2.3 Ricardian methodology The relationship between climate and agriculture is typically modeled using three approaches: crop growth simulation models, agro-economic models, and integrated assessment models such as computable general equilibrium and whole farm models (Mishra et al., 2015). The basis of these models is on climate-crop physiology and development. The first two modeling approaches can include some adaptation and crop management practices such as change of planting dates, variety selection, and fertilizer use. However, as both the modeling approaches are crop-specific, they are unable to account for other adaptation measures such as responses to economic stimuli including input replacement, price variations, crop shifting, and multi-cropping. Without accounting for such behavioral responses, those approaches can lead to an overestimation or underestimation of the climate impacts.

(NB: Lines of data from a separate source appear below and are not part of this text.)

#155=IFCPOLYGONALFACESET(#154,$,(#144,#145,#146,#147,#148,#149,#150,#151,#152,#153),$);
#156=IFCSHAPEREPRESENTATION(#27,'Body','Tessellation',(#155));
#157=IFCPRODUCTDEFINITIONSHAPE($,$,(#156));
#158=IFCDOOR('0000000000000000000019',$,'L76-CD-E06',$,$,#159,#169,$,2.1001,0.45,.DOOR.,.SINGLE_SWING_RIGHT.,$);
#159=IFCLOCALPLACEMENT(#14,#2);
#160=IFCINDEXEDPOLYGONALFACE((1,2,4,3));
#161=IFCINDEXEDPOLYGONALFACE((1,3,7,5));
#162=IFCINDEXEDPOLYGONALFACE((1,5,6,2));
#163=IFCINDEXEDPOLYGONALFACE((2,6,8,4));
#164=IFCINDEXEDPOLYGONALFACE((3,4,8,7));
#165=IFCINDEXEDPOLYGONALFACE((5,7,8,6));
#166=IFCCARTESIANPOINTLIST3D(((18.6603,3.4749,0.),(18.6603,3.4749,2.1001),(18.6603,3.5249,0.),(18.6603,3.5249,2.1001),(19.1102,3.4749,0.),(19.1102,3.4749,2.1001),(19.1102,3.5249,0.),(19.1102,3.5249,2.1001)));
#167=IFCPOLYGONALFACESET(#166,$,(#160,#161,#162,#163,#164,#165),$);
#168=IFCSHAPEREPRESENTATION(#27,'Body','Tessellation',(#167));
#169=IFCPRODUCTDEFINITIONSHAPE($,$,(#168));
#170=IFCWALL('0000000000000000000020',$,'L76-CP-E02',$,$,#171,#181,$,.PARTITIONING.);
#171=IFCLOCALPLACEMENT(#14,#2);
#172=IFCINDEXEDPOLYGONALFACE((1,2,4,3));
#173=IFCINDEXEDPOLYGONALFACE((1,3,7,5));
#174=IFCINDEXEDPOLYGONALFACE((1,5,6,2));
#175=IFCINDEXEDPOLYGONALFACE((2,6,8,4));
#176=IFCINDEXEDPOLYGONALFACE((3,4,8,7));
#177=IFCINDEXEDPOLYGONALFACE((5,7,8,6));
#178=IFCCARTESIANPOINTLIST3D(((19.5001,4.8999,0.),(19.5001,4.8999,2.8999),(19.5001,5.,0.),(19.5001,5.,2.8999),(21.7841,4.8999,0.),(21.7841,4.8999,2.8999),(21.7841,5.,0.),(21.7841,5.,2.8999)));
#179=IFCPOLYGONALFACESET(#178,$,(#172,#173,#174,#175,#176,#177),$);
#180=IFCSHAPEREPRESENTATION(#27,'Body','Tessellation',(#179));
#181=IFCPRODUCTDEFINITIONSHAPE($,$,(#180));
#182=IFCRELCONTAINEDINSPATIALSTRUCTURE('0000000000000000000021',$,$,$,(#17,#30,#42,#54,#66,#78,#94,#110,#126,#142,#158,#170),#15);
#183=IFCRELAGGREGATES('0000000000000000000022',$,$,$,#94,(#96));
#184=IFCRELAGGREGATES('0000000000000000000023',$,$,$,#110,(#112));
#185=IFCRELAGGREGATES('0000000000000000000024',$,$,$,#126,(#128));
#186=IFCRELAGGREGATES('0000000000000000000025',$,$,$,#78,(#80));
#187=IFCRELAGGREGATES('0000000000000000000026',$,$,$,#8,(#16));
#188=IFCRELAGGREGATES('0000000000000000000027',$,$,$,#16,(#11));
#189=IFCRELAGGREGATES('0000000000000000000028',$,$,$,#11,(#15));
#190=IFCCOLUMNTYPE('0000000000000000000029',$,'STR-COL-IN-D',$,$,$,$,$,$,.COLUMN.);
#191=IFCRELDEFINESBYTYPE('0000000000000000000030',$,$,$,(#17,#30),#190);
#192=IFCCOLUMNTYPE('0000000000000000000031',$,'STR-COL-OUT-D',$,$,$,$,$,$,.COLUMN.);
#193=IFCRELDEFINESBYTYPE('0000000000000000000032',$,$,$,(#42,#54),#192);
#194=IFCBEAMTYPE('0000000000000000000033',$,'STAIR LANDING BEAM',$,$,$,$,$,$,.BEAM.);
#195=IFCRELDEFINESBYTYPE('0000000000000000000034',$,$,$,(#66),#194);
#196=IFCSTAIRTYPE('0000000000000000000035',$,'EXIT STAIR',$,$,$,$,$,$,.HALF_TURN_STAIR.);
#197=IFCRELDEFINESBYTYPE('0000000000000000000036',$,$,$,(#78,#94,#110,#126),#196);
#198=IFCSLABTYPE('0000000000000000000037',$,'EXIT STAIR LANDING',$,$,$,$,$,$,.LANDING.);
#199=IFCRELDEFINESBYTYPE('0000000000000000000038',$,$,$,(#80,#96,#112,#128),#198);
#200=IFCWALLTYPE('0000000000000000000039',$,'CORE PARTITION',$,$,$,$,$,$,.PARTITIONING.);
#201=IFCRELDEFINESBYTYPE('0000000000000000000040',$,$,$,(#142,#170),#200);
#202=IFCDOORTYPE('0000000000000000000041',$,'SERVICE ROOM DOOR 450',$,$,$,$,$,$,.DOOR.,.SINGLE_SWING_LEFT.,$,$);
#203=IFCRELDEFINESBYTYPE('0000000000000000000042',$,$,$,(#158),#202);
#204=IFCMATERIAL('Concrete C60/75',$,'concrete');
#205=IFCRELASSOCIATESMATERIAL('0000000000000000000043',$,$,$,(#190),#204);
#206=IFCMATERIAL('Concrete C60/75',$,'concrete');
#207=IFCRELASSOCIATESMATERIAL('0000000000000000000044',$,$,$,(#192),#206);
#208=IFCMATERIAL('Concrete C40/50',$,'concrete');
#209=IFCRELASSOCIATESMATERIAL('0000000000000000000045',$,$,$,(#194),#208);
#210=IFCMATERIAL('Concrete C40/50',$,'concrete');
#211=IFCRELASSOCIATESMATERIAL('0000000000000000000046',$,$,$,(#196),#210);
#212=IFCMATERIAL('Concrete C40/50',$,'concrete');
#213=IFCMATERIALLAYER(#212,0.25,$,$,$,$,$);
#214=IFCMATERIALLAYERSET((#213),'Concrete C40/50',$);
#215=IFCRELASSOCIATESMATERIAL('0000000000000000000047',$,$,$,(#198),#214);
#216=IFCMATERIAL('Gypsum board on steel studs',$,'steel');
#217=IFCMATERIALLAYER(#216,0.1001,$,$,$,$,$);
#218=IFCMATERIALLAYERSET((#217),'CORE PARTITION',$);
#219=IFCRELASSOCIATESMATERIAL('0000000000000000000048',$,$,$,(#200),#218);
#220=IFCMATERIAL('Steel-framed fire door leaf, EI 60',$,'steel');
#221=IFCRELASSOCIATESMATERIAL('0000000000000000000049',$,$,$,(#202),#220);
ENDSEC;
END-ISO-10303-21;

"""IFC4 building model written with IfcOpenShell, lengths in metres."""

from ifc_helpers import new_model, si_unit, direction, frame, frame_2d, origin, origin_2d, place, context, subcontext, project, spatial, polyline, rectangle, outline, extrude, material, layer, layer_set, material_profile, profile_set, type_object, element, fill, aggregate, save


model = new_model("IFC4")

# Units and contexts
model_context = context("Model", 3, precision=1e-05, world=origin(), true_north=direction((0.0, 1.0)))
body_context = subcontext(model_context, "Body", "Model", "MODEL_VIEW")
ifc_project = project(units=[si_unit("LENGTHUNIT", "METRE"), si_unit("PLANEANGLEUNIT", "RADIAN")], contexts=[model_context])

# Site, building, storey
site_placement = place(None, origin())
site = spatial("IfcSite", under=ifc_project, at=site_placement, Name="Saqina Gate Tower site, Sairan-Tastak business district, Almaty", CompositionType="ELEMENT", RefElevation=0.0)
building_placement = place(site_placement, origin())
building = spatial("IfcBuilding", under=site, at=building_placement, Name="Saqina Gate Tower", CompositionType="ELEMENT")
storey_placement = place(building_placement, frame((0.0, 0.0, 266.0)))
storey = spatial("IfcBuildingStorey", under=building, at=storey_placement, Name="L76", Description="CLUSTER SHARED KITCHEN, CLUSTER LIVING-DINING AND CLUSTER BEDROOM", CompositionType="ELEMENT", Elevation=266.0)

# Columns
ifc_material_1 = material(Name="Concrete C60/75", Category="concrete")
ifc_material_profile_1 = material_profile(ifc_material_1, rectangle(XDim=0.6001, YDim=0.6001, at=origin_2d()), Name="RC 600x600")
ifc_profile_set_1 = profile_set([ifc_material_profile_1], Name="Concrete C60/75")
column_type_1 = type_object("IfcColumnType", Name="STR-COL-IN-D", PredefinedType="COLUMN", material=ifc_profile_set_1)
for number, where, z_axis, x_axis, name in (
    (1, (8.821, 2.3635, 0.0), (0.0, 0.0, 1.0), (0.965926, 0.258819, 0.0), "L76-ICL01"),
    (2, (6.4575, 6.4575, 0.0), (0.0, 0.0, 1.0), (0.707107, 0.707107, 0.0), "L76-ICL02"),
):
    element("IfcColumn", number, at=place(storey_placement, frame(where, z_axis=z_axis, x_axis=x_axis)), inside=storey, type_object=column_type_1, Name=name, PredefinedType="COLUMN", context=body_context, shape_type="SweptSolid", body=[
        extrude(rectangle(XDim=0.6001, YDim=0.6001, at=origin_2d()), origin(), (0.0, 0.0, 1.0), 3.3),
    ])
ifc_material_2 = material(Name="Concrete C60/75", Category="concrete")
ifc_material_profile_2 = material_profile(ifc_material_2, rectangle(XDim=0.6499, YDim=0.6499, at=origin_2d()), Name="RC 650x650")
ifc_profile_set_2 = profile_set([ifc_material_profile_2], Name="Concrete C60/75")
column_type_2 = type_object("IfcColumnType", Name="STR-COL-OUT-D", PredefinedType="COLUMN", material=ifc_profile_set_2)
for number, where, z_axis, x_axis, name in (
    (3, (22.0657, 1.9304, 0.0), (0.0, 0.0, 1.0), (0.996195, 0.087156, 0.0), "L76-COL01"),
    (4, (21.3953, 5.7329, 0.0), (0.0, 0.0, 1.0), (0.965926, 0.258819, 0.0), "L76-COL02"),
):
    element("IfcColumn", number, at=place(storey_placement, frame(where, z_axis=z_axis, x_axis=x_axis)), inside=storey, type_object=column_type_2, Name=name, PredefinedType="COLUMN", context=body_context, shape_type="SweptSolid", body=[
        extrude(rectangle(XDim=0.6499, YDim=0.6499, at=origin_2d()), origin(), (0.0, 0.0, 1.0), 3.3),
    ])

For the development of an unbiased estimate of climate impacts, there is a need for a whole farm approach that allows for adaptation responses. The model that is currently being widely used across different countries to measure the economic impacts of climate change in the agriculture sector is the “Ricardian model”, named after the work of economist David Ricardo (1772-1823). Mendelsohn et al. (1994) was the pioneer to develop this cross-sectional model. The basis of the model is on the observation that land rents capture the long-term productivity of the farm. The Ricardian model assesses the performance of farms across landscapes, capturing impacts of spatial variations in climate attributes and other factors including input prices, soils, and socio-economic factors where the value of the lands reflects the present value of the future stream of net farm income.
The main advantage of this model is that it accounts for adaptation because farmers tend to adapt to the climate where they live to maximize the outputs and farm incomes. Other important advantages of the model are: it does not require data over time which is very difficult and costly to collect, rather it needs data across geographic space where climate attributes vary; it is a flexible model as it allows to consider all major enterprise activities; and it is very ease to implement.
However, the Ricardian model has some limitations. The first drawback is the possibility of omitted variable bias, which is present in all cross-sectional analysis. Another concern is the inefficiencies of the land and labor prices/markets that may distort prices. It does not account for CO2 fertilization effects. Furthermore, the model cannot capture transition costs of an instantaneous adaptation to a new technology against climate. However, sudden adaptation to new technology is never experienced. Another controversial drawback is concerned with irrigation. It is also not an issue in the study area as maximum farms rely on irrigation.